# Online Rollenspiel gesucht



## KAEPS133 (1. November 2011)

Hi

ich suche schon seit längerem ein MMORPG das in nächster zeit an den start geht und kein free2play ist und auch kein Star Wars MMORPG ist.
Suche schon länger nach eine Releaseliste aber finde da leider nichts. Ich will einfach mal wieder ein MMORPG vom start an spielen und testen wie es ist. WoW ist nicht ganz so mein ding und Guild Wars wird mir langsam zu langweilig. Bei den F2P MMORPGS kann ich mich dank Item Shop nicht so wirklich dazu bewegen groß etwas zu spielen. Kennt denn jemand eine Liste wo ich mal ein paar MMORPGS durchschauen kann und vll eins finden kann das mir zusagt?


----------



## Robonator (1. November 2011)

Aion


----------



## KAEPS133 (1. November 2011)

Ich wollte ja vom start an dabei sein  Außerdme sagt mir das was ich von Aion gesehen hab nicht so wirklich zu.


----------



## Veriquitas (1. November 2011)

Wow ist derzeit immer noch das beste MMO, da kommt absolut nichts dran. Ich hab 4 Jahre lang gespielt und danach war die Luft raus, würde ich wieder anfangen ein MMO zu spielen wäre es WoW.


----------



## Robonator (1. November 2011)

KAEPS133 schrieb:


> Ich wollte ja vom start an dabei sein  Außerdme sagt mir das was ich von Aion gesehen hab nicht so wirklich zu.


 
aion ist echt gut. Das einzigste P2P MMO das ich länger als 2 Monate gespielt habe. Besonders jetzt mit dem Grafikupdate   Macht echt fun


----------



## KAEPS133 (1. November 2011)

Ich spiel im moment auch wieder WoW .. hab es seit 2006 aber bis jetzt noch nicht auf Level 80 geschafft. Auf dauer find ich es einfach langweilig und zu schlecht.
Guild Wars find ich da schon deutlich besser. Aber das ist halt geschmackssache. Ich hatte irgendwie auch interesse an Gods & Heroes oder so. Aber ich glaub das spielt jetzt keiner mehr.
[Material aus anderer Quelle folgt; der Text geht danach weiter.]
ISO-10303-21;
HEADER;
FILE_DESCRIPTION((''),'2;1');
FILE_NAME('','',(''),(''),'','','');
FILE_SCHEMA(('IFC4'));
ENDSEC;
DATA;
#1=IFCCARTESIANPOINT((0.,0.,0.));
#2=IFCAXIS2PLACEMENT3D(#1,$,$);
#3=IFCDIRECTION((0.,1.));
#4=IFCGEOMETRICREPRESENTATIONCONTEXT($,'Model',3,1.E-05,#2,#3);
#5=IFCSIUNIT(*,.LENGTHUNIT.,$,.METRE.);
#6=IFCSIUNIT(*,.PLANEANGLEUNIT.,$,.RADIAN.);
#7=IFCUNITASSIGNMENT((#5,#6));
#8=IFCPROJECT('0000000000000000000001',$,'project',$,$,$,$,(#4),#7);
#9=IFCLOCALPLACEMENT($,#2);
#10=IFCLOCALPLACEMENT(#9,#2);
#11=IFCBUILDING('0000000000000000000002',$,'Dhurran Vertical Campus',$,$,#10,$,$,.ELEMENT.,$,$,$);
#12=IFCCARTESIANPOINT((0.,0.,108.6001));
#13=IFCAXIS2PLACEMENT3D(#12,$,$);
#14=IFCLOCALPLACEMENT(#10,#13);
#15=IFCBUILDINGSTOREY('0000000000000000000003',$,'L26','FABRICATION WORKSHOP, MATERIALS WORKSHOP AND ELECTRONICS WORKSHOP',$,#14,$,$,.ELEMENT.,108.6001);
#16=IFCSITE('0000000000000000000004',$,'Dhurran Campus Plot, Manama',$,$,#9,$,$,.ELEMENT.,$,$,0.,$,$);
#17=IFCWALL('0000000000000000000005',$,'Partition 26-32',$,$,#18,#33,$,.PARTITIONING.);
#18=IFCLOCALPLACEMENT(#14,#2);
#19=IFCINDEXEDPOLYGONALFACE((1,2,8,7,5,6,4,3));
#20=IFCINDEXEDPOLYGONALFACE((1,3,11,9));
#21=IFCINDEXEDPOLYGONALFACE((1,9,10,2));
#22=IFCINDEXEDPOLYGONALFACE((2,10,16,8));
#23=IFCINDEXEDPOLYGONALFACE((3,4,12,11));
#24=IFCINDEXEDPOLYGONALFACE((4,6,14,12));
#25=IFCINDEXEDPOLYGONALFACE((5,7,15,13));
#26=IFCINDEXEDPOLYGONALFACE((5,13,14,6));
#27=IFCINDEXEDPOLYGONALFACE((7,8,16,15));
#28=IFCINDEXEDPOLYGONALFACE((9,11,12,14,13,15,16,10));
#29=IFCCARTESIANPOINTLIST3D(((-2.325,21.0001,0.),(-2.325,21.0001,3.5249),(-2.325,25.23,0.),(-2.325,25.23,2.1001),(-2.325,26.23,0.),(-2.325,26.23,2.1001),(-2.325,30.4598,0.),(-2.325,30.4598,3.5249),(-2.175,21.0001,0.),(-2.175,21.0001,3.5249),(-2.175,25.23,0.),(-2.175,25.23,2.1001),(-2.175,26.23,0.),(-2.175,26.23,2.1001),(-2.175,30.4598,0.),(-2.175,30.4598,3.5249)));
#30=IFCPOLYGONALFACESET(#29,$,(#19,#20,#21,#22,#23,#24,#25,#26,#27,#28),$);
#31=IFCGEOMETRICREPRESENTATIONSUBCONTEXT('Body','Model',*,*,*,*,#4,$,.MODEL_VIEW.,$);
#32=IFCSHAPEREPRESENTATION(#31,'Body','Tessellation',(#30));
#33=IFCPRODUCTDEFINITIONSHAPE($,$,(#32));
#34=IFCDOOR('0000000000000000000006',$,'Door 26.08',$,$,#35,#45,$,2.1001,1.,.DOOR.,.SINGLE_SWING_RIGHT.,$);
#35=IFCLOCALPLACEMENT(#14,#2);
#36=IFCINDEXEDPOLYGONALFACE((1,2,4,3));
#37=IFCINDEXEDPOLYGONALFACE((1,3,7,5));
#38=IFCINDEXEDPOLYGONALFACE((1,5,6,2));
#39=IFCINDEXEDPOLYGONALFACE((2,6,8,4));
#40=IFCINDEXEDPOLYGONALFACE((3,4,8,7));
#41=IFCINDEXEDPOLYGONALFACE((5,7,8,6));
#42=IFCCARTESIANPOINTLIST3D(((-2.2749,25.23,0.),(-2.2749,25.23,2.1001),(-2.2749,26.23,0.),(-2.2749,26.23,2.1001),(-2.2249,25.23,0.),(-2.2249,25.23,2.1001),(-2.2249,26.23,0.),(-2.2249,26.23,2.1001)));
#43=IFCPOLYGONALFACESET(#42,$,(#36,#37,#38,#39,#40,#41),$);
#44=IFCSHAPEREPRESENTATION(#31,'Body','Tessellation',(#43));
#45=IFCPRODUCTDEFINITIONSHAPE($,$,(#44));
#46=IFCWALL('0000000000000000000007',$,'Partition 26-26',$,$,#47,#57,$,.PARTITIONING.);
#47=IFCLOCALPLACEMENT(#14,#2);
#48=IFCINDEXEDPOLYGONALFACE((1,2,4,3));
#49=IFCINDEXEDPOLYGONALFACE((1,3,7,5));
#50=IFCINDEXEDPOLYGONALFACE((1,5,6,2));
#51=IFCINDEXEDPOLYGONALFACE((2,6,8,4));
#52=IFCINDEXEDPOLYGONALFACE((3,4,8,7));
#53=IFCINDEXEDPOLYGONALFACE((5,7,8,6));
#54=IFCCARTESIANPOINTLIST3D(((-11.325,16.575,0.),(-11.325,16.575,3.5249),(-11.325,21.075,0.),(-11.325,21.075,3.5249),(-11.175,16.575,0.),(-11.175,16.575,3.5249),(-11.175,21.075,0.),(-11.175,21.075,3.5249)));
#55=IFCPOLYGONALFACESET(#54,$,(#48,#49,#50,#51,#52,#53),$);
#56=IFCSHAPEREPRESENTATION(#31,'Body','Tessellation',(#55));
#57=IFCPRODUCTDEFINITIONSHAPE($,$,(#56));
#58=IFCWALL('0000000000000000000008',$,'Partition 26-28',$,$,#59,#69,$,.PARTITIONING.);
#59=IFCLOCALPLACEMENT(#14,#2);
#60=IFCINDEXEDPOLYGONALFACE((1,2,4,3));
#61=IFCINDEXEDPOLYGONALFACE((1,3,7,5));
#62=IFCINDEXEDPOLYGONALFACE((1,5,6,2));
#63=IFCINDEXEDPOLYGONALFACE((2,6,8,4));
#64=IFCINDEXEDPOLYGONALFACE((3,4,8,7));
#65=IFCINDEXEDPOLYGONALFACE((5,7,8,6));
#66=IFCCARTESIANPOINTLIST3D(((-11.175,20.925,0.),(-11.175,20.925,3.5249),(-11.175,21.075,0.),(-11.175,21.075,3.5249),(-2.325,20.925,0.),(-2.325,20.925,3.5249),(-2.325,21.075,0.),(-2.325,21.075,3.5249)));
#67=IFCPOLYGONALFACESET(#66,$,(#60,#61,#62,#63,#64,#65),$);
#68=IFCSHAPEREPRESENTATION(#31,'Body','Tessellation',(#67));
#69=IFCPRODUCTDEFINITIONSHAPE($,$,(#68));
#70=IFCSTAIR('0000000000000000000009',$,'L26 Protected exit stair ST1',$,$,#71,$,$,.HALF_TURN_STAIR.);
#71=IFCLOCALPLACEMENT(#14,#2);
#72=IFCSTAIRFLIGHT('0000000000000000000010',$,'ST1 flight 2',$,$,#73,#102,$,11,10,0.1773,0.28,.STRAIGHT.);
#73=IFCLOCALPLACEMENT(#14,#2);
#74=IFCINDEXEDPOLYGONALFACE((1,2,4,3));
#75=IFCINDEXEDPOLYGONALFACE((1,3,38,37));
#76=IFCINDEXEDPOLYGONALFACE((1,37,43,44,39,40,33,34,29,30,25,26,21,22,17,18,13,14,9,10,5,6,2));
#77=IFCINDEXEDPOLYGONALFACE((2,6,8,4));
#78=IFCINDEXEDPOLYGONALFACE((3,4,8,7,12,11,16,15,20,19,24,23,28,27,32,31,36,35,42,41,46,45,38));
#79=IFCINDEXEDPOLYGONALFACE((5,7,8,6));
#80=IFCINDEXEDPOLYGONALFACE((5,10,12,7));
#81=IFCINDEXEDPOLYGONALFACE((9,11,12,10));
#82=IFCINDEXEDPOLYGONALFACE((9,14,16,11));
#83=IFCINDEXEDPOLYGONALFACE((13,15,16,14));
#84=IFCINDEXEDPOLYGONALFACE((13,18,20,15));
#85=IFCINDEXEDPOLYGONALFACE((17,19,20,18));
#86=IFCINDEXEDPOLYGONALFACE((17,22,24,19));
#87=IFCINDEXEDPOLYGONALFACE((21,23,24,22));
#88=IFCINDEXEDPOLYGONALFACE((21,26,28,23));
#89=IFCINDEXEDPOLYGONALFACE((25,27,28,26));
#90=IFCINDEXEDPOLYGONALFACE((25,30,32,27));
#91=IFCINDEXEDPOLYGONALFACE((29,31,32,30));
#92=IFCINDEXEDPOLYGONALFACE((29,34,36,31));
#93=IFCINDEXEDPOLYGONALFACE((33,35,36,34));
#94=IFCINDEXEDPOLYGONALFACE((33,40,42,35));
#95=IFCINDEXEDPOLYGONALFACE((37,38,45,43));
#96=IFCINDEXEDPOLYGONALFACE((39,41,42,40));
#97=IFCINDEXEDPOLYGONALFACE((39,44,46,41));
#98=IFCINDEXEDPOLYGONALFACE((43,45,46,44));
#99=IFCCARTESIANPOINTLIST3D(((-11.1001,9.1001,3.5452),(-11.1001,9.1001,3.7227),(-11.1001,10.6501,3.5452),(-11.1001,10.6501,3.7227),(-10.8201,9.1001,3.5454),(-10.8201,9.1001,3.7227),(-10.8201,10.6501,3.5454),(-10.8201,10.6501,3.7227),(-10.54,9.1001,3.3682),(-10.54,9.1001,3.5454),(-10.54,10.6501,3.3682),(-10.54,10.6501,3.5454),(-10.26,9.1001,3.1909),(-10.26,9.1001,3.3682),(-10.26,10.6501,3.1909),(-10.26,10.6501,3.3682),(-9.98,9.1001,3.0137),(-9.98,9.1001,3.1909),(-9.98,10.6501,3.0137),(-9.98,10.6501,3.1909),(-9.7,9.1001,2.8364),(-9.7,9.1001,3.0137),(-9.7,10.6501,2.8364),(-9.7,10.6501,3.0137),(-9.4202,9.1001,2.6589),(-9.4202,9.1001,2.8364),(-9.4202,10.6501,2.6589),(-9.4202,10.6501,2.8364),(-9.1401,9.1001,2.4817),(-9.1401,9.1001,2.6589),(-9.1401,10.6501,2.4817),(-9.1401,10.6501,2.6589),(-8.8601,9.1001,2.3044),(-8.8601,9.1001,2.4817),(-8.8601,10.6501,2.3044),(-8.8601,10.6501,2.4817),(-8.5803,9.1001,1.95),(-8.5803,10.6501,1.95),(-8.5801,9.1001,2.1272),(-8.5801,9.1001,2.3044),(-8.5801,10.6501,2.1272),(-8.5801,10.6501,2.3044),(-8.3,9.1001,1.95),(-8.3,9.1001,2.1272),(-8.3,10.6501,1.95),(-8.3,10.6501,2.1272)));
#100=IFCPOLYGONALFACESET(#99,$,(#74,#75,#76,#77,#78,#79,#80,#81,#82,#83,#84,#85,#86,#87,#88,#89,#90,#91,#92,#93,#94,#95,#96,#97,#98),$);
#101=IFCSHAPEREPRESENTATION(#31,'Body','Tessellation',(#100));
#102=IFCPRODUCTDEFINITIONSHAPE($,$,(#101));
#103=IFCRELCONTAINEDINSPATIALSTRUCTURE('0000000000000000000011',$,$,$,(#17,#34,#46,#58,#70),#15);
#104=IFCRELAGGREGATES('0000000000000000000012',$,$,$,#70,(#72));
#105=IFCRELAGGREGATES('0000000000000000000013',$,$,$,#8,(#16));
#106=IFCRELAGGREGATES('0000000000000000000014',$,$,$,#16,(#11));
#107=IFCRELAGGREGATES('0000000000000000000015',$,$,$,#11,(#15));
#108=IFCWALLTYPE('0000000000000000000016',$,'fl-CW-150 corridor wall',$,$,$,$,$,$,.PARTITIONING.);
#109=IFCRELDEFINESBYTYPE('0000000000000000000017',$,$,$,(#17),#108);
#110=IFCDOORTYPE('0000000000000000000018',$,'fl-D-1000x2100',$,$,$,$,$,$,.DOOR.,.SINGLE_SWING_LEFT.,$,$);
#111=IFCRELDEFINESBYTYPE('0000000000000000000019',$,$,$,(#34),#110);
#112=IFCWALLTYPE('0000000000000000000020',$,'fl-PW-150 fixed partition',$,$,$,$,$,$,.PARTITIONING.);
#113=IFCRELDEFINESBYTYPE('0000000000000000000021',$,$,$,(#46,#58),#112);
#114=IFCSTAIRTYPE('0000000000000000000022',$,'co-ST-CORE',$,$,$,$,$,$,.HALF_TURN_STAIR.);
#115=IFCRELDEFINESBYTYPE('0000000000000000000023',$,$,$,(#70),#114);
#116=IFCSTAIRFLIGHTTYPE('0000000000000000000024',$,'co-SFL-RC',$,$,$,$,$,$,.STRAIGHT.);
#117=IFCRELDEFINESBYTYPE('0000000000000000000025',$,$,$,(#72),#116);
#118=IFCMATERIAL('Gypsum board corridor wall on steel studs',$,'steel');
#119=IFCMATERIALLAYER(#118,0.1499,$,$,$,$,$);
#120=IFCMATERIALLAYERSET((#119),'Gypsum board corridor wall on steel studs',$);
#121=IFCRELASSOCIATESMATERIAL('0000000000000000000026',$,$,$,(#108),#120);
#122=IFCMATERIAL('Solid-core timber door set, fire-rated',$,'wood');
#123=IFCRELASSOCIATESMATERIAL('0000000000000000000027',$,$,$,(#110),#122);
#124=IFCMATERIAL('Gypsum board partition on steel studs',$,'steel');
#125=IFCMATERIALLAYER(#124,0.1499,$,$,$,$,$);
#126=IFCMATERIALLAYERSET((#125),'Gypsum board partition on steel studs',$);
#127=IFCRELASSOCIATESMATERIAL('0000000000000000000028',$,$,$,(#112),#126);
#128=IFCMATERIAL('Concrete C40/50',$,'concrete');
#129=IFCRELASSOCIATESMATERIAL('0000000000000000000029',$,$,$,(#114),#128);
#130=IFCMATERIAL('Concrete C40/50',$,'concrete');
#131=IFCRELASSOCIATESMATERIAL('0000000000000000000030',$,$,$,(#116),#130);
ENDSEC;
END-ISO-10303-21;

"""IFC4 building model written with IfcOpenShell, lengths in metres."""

from ifc_helpers import new_model, si_unit, direction, frame, frame_2d, origin, place, context, subcontext, project, spatial, polyline, rectangle, outline, extrude, material, layer, layer_set, type_object, element, fill, aggregate, save


model = new_model("IFC4")

# Units and contexts
model_context = context("Model", 3, precision=1e-05, world=origin(), true_north=direction((0.0, 1.0)))
body_context = subcontext(model_context, "Body", "Model", "MODEL_VIEW")
ifc_project = project(units=[si_unit("LENGTHUNIT", "METRE"), si_unit("PLANEANGLEUNIT", "RADIAN")], contexts=[model_context])

# Site, building, storey
site_placement = place(None, origin())
site = spatial("IfcSite", under=ifc_project, at=site_placement, Name="Dhurran Campus Plot, Manama", CompositionType="ELEMENT", RefElevation=0.0)
building_placement = place(site_placement, origin())
building = spatial("IfcBuilding", under=site, at=building_placement, Name="Dhurran Vertical Campus", CompositionType="ELEMENT")
storey_placement = place(building_placement, frame((0.0, 0.0, 108.6001)))
storey = spatial("IfcBuildingStorey", under=building, at=storey_placement, Name="L26", Description="FABRICATION WORKSHOP, MATERIALS WORKSHOP AND ELECTRONICS WORKSHOP", CompositionType="ELEMENT", Elevation=108.6001)

# Shared definitions
ifc_material_1 = material(Name="Gypsum board corridor wall on steel studs", Category="steel")
ifc_layer_1 = layer(ifc_material_1, 0.1499)
ifc_layer_set_1 = layer_set([ifc_layer_1], Name="Gypsum board corridor wall on steel studs")
wall_type_1 = type_object("IfcWallType", Name="fl-CW-150 corridor wall", PredefinedType="PARTITIONING", material=ifc_layer_set_1)

# Shared definitions
ifc_material_2 = material(Name="Solid-core timber door set, fire-rated", Category="wood")
door_type_1 = type_object("IfcDoorType", Name="fl-D-1000x2100", OperationType="SINGLE_SWING_LEFT", PredefinedType="DOOR", material=ifc_material_2)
Ich mag halt grade bei MMORPGS weniger anderen Leuten glauben. Lieber selber probieren. Nur brauch ich erstmal eine Auswahl für mich selbst


----------



## böhser onkel (1. November 2011)

Herr der Ringe Online


Oder Warhammer online


----------



## KAEPS133 (2. November 2011)

Wie gesagt ich wollte mit einem bald startendem anfangen und kein bestehendes f2p mmorpg spielen


----------



## PeacemakerDT (2. November 2011)

schau dir mal TERA an .....


----------



## Low (5. November 2011)

Warte auf GW2. Soll Anfang 2017 rauskommen.


----------



## Robonator (5. November 2011)

Low schrieb:


> Warte auf GW2. Soll Anfang 2017 rauskommen.


 
Wars nicht 2018?


----------



## Veriquitas (6. November 2011)

Warhammer 40k Dark Millenium wäre auch noch was da musst dich aber Gedulden vor 2013 wird das nichts.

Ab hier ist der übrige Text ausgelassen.